“Hush! You don’t have the right to an opinion now. I’m taking the risks.”
“P-p-please don’t!” She reached for his hand and held it in a vise grip. “I don’t want you hurt because of me.”
“What makes you so sure the captain will have me flogged? I’m the ship’s physician. He needs a doctor.”
“A man like him doesn’t care. He whipped me, didn’t he?”
Jackson examined the half dozen or so tears in her shirt and trousers. The skin beneath was broken in only a few places. Travers wielded the whip not to scar her, only to frighten her and cause pain. “These are nothing,” he replied. “I know they hurt a great deal but they won’t leave marks. Just let me treat them so they don’t become infected.”
“N-n-no. You don’t understand. I didn’t mean what he did recently. My b-back. You’ve seen those scars?” Jackson nodded. “Who do you think put them there?”
Before the doctor could utter a response he heard a sound in the companionway. Quickly he doused the lantern and took his jacket. “I will be back later with something for you,” he whispered. He peered out the door and left, locking it behind him and successfully avoiding a confrontation with the approaching guard.
When the door opened again, Alexis cringed at the sight of the towering figure in the doorway. The man said nothing as he lifted her less than gently and carried her out of the room.
“Gawd, you smell,” he said when he deposited her in the captain’s cabin.
She wanted to retort that he would smell the same after being locked in a room for three days, but she was too weak to do anything but nod abjectly.
“Bath’s ready for you,” he said, pointing to the copper tub on the far side of the room. “Captain sent word you are to join him soon. He said you’re to clean up and make yourself presentable. I put what you’re to wear on the bunk.”
Alexis glanced in the direction of the bunk. On it lay a simple cotton day dress. It had short puffed sleeves edged with lace and a rounded bodice. She stared at the sugary yellow confection and wondered who Travers had purchased if for.
“A sister, or cousin, I think,” the guard answered, reading her thought. “You can be sure it wasn’t for his mistress.” He thought that seemed to please Alexis. He took another look at her matted hair, dirty face, and the blood splattered at intervals on her trousers. “I’ll be back in two hours. You should be able to do something with yourself by then.”
Alexis found her voice. “May I have something to eat or drink?”
“Captain didn’t say anything about that.”
Alexis refused to plead. She eyed the bath water, hoping it was not brackish. “Where are you taking me?”
“To the captain.”
“I know. But where is he? Where are we?”
The man chuckled humorlessly. “That is the captain’s surprise.”
As Lafitte predicted the spiced ham was excellent, but Cloud, also true to his word, found eating it a tedious chore. He concentrated on the mechanical procedures of lifting the fork to his mouth, chewing, and swallowing. It was easier to concern himself with procedure than to be drawn into the conversation with the man seated across from him.

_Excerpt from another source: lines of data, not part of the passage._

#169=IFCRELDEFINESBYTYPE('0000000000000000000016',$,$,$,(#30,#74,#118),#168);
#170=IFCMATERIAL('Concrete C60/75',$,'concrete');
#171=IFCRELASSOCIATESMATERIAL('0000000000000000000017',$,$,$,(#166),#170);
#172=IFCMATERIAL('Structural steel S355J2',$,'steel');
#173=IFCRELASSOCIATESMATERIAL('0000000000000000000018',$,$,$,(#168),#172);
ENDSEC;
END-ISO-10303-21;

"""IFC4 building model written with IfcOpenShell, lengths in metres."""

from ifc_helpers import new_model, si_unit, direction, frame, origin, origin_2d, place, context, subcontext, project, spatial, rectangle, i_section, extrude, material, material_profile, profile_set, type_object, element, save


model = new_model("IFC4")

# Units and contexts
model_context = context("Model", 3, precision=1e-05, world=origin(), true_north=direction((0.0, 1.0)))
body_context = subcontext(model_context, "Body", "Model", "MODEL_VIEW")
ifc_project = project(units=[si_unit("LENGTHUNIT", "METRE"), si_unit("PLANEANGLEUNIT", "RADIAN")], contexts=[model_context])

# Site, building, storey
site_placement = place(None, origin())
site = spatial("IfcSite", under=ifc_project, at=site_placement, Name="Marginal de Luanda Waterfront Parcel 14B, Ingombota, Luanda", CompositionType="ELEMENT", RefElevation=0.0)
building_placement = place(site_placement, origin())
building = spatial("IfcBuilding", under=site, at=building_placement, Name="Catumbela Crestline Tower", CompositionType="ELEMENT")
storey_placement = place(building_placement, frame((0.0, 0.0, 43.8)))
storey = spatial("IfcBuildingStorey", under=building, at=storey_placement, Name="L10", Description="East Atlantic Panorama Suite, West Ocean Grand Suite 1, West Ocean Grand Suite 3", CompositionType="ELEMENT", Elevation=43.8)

Cloud offered nothing to the topic when it centered on women but he listened with interest to the banter between Pierre and the captain of theFollansbee.It kept his mind off the impending negotiations.
“And while you were in New Orleans,” Pierre was asking “did you have an opportunity to attend a quadroon ball?”
“No. But I have heard a great deal of the beautiful women who can be purchased there. Is it a common practice?”
“Common in New Orleans.”
“And the women? They do not object to being sold?”
“On the contrary,” Pierre answered. “These women have it better than most. They will be purchased by men who desire them as a mistress and probably treated better than most wives. Their mothers supervise the bidding, and I assure you it is discreet.”
“The women are of mixed blood, then?”
“Quadroons or octoroons. Skin the color of café au lait a dusty gold,” Pierre said dreamily “They are indeed beautiful.”
“You would be interested in such a woman?” asked Travers. He hid his anxiousness. The young woman was getting ready to join him shortly and he wanted to make sure his instinct about the Lafittes were correct—that they would not turn down such a gift as he could offer them. He almost regretted hitting her, but that could easily be explained.
“Pierre already has a mistress,” Jean broke in. “What is the point, Captain? I would hardly expect you to produce such a woman.”